The purpose of this article is to increase nurses’ understanding of acute respiratory distress syndrome,
including the risk factors, pathophysiology, signs and symptoms, and treatment. After you study the
information presented here, you will be able to —

• Discuss the pathophysiology of acute respiratory distress syndrome.


• Identify treatment goals for acute respiratory distress syndrome.
• Discuss the role of the nurse in identifying and managing patients with acute respiratory distress
syndrome.

Despite progress in managing acute care disease, acute respiratory distress syndrome (ARDS)
continues to pose challenges for critical care clinicians. In fact, the respiratory failure that characterizes
ARDS is a common cause of morbidity and mortality, with mortality rates of 40% to 50%.1 In the U.S.,
an estimated 150,000 people are affected with ARDS each year.1,2

However, the seasoned critical care nurse knows that astute assessment can offset these bleak statistics.
For example, prompt recognition of the distinct signs and symptoms of acute lung injury, often a
harbinger of ARDS, can set a targeted treatment plan in motion. Likewise, early recognition of the
progressively worsening respiratory function seen in ARDS can alert the team that the patient will need
special types of mechanical ventilation to preserve and improve oxygenation.

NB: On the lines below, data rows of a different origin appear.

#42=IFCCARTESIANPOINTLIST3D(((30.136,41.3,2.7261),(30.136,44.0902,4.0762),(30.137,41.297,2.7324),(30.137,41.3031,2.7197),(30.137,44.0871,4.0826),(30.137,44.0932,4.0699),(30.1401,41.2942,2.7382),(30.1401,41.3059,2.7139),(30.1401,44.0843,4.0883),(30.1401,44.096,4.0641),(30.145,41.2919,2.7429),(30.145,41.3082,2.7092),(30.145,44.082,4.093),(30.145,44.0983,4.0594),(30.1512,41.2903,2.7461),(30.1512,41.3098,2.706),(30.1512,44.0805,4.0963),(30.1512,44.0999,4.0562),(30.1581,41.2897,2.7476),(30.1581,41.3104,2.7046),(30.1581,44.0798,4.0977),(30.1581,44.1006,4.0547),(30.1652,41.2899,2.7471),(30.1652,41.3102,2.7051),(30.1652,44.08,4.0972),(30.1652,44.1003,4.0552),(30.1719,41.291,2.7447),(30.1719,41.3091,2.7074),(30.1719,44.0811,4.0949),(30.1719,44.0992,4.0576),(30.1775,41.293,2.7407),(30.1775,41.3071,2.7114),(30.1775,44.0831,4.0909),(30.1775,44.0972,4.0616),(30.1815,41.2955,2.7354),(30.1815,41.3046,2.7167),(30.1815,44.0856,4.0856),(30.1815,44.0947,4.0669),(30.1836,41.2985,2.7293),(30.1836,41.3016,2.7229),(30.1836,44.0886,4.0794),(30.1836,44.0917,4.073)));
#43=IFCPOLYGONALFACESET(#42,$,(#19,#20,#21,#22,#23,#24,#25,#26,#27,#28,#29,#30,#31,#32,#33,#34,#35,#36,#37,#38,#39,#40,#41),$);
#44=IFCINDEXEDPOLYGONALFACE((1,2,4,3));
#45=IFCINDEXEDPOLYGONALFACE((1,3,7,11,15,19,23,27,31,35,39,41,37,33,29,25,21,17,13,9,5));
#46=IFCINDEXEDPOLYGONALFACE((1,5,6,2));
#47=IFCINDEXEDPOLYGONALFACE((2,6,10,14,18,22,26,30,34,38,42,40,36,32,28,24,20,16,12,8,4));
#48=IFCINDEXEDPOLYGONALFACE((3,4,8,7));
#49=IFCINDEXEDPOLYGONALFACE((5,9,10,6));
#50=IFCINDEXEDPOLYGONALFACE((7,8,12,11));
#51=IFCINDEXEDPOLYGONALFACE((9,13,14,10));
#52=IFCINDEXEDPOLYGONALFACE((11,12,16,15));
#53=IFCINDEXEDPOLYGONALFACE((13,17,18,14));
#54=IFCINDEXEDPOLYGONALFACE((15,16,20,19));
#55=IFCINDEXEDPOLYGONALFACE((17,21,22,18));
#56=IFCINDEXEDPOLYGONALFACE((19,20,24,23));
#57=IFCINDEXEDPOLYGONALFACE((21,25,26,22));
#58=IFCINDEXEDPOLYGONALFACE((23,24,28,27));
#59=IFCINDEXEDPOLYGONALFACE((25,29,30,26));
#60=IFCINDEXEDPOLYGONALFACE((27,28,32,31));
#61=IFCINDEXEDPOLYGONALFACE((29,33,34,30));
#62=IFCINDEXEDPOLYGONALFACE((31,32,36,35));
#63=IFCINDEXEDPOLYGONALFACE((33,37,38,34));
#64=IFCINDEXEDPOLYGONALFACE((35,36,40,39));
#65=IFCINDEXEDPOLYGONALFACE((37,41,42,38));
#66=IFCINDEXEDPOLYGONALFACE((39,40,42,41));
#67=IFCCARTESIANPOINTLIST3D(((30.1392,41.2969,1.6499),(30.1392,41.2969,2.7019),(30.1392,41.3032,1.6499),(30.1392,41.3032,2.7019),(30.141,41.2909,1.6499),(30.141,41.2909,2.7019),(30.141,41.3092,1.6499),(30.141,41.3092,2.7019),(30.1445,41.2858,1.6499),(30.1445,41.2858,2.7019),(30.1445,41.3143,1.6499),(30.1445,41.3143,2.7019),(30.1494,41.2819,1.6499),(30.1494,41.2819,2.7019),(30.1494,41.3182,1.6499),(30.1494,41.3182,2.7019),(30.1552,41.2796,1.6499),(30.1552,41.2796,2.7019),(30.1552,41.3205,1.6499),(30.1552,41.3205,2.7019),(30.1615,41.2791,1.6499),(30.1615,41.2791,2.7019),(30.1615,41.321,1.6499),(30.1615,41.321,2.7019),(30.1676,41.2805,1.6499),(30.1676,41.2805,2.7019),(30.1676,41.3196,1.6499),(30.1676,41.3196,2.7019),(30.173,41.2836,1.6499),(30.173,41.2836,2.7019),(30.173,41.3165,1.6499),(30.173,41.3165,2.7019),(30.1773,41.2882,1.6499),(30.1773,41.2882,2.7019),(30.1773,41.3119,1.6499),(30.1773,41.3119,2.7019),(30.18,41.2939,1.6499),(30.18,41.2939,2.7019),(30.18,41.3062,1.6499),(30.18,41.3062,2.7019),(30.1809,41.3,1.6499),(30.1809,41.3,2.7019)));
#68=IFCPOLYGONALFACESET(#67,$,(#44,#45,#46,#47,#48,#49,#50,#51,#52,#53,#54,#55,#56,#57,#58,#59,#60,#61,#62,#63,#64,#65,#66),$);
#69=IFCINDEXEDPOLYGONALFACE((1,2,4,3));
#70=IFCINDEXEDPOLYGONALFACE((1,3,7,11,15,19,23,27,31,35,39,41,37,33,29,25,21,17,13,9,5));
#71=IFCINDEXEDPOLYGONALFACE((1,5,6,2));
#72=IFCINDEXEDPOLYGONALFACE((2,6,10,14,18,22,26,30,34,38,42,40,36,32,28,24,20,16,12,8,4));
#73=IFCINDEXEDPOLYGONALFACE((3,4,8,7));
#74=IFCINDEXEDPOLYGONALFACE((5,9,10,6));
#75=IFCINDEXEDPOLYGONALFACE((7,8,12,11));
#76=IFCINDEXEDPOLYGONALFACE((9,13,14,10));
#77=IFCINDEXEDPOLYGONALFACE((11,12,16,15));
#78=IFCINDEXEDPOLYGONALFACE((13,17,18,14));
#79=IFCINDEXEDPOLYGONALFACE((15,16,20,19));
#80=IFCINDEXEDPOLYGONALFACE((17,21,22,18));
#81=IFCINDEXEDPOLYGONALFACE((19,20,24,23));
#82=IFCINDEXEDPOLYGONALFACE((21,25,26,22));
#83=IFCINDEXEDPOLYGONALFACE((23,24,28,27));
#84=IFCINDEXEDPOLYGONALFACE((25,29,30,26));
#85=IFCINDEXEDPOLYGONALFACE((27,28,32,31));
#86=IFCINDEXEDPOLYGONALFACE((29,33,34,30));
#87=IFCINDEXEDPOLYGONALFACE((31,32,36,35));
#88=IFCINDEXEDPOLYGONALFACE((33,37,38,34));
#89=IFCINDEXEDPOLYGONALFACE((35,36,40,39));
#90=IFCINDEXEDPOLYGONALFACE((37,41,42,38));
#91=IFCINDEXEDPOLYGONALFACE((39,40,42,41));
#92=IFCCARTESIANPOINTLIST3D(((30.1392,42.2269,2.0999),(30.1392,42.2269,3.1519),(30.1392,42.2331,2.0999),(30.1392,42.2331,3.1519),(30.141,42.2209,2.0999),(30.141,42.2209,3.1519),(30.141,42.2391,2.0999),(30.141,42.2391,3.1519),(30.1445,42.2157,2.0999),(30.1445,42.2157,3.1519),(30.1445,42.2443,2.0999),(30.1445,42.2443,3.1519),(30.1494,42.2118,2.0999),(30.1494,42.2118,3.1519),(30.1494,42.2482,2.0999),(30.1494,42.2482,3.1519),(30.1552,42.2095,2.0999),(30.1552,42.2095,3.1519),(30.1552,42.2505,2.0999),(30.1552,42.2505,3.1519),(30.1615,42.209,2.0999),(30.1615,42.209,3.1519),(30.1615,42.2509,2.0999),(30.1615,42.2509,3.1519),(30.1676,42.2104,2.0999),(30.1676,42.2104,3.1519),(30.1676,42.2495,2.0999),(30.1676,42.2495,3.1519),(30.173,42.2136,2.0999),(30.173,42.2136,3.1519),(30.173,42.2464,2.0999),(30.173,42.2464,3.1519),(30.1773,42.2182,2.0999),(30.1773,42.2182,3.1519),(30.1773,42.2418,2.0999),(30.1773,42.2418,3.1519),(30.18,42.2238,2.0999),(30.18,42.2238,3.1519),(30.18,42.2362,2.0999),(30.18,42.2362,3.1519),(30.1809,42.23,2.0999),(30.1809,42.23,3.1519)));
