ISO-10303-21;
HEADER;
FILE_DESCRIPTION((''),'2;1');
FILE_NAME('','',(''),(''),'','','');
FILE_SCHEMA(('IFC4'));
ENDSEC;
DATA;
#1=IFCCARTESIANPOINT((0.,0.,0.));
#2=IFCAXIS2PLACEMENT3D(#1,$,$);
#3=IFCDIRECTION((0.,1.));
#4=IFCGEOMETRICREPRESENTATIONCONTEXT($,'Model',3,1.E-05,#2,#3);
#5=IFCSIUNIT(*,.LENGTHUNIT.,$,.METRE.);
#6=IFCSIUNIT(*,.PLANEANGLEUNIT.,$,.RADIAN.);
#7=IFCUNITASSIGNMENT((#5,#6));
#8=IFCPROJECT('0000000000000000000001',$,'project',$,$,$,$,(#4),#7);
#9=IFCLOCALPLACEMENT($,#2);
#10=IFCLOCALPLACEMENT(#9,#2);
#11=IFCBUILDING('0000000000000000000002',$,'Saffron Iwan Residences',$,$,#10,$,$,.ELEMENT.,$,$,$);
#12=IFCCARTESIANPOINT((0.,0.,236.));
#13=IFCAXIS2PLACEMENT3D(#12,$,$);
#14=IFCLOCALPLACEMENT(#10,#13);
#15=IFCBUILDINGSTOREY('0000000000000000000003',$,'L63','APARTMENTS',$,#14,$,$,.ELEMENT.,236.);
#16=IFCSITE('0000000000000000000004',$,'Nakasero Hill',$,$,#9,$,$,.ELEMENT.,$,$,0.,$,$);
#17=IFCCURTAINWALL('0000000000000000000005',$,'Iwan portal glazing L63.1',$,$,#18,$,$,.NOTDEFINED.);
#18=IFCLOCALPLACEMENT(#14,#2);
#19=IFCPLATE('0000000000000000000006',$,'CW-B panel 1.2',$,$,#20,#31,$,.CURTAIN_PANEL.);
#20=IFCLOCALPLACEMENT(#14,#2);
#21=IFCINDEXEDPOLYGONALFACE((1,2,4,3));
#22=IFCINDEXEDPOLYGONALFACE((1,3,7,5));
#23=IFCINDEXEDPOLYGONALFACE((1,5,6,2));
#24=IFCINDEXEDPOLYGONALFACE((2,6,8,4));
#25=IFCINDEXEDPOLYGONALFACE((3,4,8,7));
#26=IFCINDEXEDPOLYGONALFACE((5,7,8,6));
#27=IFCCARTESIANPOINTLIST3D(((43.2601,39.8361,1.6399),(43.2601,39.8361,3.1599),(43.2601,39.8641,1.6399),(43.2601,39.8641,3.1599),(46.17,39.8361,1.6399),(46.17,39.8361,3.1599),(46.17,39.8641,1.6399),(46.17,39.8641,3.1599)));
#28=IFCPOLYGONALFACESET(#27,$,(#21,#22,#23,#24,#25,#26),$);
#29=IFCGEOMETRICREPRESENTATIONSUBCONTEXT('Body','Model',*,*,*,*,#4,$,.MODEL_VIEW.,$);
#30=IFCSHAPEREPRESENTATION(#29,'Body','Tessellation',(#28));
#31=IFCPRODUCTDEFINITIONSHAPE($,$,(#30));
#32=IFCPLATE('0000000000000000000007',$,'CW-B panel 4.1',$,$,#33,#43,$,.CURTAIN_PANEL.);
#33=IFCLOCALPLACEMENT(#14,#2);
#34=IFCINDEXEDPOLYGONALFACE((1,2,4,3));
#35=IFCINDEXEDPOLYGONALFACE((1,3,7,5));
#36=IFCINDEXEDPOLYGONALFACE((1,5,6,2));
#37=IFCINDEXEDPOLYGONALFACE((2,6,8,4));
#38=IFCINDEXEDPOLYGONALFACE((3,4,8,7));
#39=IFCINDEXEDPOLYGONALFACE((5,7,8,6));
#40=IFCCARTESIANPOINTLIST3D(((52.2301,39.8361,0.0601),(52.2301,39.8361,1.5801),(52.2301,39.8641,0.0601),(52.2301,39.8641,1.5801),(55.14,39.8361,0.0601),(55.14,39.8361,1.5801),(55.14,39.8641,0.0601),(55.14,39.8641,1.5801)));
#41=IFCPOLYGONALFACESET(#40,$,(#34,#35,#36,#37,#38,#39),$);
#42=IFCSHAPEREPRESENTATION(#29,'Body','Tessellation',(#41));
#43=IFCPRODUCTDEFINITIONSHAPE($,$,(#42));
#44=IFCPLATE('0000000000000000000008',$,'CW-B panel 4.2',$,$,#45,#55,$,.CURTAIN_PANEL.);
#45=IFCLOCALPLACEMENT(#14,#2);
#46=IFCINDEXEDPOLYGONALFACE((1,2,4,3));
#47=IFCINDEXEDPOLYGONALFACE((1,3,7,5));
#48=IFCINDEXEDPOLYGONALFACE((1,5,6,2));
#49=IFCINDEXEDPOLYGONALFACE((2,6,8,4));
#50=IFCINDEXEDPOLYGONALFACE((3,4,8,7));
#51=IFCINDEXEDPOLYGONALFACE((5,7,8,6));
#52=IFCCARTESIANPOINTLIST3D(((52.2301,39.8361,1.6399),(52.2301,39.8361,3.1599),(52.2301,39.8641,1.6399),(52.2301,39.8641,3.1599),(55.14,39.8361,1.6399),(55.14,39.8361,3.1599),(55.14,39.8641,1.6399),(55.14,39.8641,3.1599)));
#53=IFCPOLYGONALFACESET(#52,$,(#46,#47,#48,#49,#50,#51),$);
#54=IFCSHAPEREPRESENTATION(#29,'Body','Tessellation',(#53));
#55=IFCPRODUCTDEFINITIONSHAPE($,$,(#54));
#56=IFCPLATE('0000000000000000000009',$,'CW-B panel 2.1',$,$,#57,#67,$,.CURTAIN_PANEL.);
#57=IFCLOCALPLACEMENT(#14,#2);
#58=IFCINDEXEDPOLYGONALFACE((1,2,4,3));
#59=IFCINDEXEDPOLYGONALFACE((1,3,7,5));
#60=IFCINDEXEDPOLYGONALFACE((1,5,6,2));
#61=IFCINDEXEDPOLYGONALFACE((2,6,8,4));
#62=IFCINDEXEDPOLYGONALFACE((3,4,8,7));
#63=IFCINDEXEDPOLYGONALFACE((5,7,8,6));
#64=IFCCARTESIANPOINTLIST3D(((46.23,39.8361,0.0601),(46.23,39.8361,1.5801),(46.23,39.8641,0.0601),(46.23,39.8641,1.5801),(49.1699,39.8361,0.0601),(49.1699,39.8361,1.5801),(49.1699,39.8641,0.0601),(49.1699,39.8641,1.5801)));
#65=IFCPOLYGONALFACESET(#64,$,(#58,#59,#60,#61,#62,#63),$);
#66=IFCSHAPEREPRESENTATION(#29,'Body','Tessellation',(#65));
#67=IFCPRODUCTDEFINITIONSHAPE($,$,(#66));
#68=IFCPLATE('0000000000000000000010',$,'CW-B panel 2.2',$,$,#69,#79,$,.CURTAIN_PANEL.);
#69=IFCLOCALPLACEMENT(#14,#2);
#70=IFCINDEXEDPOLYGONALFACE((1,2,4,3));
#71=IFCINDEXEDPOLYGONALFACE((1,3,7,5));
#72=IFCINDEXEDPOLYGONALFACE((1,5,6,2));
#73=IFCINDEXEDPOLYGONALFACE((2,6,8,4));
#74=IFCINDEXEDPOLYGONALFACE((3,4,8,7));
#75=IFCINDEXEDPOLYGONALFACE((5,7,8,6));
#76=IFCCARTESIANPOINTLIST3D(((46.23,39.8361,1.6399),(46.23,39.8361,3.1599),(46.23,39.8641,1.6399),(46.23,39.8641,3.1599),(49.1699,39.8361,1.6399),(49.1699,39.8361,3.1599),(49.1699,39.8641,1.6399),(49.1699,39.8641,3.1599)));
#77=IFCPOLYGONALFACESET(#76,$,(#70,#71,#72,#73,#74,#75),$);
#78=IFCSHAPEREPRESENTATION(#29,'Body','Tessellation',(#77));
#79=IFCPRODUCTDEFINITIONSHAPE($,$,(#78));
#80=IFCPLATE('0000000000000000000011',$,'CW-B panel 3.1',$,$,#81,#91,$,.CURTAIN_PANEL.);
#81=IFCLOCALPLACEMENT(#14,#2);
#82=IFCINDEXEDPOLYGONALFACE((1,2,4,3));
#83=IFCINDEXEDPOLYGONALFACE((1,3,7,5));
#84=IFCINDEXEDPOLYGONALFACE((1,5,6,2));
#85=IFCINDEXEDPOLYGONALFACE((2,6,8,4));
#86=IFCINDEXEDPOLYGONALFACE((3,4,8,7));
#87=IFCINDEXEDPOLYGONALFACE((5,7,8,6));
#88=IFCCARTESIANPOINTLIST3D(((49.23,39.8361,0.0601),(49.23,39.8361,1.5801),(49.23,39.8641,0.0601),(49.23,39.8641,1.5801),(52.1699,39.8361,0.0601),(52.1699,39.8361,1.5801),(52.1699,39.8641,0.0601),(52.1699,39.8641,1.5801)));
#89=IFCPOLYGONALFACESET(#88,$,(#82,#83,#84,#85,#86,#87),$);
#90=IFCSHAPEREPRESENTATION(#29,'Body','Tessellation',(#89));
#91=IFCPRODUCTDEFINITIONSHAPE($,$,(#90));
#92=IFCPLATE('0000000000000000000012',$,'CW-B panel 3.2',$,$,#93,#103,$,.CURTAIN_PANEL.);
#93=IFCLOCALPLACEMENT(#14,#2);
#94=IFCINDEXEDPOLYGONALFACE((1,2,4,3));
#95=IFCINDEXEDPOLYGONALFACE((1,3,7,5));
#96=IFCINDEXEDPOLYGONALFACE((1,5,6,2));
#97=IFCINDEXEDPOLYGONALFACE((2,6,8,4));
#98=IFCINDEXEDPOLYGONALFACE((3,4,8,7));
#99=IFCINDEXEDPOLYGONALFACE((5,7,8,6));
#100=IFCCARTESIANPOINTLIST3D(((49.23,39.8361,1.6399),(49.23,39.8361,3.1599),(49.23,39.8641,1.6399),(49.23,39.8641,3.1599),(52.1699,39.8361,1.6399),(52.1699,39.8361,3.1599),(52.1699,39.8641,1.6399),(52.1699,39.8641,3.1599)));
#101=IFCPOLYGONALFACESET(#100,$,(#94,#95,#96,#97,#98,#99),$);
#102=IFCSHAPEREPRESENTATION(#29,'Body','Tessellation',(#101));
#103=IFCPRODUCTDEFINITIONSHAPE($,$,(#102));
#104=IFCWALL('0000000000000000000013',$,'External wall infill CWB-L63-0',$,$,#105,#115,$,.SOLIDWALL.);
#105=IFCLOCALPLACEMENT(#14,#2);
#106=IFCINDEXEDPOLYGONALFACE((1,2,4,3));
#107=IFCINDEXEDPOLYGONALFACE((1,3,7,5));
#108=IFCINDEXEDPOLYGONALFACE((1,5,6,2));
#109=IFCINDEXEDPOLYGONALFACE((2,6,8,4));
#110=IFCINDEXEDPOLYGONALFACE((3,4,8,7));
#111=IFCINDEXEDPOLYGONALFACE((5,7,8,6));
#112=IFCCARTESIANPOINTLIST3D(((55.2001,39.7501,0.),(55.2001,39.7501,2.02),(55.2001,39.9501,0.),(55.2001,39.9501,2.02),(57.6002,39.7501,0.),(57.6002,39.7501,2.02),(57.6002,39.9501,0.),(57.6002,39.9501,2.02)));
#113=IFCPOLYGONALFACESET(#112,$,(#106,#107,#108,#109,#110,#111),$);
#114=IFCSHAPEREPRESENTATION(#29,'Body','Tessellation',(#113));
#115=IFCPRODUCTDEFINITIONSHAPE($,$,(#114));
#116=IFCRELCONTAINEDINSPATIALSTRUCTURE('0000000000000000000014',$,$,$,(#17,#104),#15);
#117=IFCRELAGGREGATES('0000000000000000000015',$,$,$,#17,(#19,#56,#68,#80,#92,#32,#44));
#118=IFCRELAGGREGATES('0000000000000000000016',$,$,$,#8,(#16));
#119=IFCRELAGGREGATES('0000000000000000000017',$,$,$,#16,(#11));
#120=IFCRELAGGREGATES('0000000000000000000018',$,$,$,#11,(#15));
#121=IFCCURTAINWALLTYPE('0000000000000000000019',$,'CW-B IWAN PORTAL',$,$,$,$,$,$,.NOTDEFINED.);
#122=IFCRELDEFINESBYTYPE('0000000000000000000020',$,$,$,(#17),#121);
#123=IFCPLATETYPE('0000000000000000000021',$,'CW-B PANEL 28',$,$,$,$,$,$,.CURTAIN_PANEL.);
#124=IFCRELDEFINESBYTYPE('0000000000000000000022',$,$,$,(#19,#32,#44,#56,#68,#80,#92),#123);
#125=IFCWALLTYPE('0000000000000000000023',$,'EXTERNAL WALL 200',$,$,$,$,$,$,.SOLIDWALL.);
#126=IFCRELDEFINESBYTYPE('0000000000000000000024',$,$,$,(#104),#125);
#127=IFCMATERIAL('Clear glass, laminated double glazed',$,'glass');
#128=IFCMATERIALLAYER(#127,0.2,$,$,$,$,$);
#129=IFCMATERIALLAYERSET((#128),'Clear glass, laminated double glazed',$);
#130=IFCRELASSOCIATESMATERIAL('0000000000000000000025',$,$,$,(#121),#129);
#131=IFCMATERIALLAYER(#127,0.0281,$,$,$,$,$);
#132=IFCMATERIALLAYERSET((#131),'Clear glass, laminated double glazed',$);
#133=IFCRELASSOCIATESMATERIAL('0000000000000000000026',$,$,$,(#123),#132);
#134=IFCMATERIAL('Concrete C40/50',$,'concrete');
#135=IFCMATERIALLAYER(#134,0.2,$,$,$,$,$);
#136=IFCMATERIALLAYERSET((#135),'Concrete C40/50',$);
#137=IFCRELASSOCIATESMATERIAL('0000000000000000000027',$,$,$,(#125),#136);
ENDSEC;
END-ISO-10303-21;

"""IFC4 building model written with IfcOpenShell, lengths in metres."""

from ifc_helpers import new_model, si_unit, direction, frame, frame_2d, origin, origin_2d, place, context, subcontext, project, spatial, rectangle, extrude, source, transform, mapped, material, layer, layer_set, type_object, element, aggregate, save


model = new_model("IFC4")

# Units and contexts
model_context = context("Model", 3, precision=1e-05, world=origin(), true_north=direction((0.0, 1.0)))
body_context = subcontext(model_context, "Body", "Model", "MODEL_VIEW")
ifc_project = project(units=[si_unit("LENGTHUNIT", "METRE"), si_unit("PLANEANGLEUNIT", "RADIAN")], contexts=[model_context])

# Site, building, storey
site_placement = place(None, origin())
site = spatial("IfcSite", under=ifc_project, at=site_placement, Name="Nakasero Hill", CompositionType="ELEMENT", RefElevation=0.0)
building_placement = place(site_placement, origin())
building = spatial("IfcBuilding", under=site, at=building_placement, Name="Saffron Iwan Residences", CompositionType="ELEMENT")
storey_placement = place(building_placement, frame((0.0, 0.0, 236.0)))
storey = spatial("IfcBuildingStorey", under=building, at=storey_placement, Name="L63", Description="APARTMENTS", CompositionType="ELEMENT", Elevation=236.0)

# Curtain wall, plates
ifc_material_1 = material(Name="Clear glass, laminated double glazed", Category="glass")
ifc_layer_1 = layer(ifc_material_1, 0.2)
ifc_layer_set_1 = layer_set([ifc_layer_1], Name="Clear glass, laminated double glazed")
curtain_wall_type = type_object("IfcCurtainWallType", Name="CW-B IWAN PORTAL", PredefinedType="NOTDEFINED", material=ifc_layer_set_1)
curtain_wall_placement = place(storey_placement, origin())
curtain_wall = element("IfcCurtainWall", 1, at=curtain_wall_placement, inside=storey, type_object=curtain_wall_type, Name="Iwan portal glazing L63.1", PredefinedType="NOTDEFINED")
ifc_layer_2 = layer(ifc_material_1, 0.0281)
ifc_layer_set_2 = layer_set([ifc_layer_2], Name="Clear glass, laminated double glazed")
plate_type = type_object("IfcPlateType", Name="CW-B PANEL 28", PredefinedType="CURTAIN_PANEL", material=ifc_layer_set_2)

A variety of conditions that predispose the lungs to injury can cause ARDS. Both direct and indirect
injuries can lead to ARDS. Direct injuries are those that cause inflammation and injury to the lung
directly, such as pneumonia, aspiration, and contusion injuries. Indirect injuries are those that affect the
lung indirectly through conditions such as infections such as sepsis or through acute illness states such
as shock and pancreatitis. While many factors influence the development of ARDS, patients with
multiple trauma, higher severity of illness, and underlying comorbid conditions are at increased risk.3

Acute lung injury

ARDS is generally preceded by acute lung injury. Acute lung injury (ALI) is a less severe form of
respiratory failure that occurs when there is injury to the alveoli, the functional units of the lungs where
gas exchange occurs. It can be clinically difficult to differentiate ALI from ARDS because both involve
inflammation and injury to the lung. But recognizing signs of worsening respiratory status is important
because as lung injury progresses, ALI results in ARDS.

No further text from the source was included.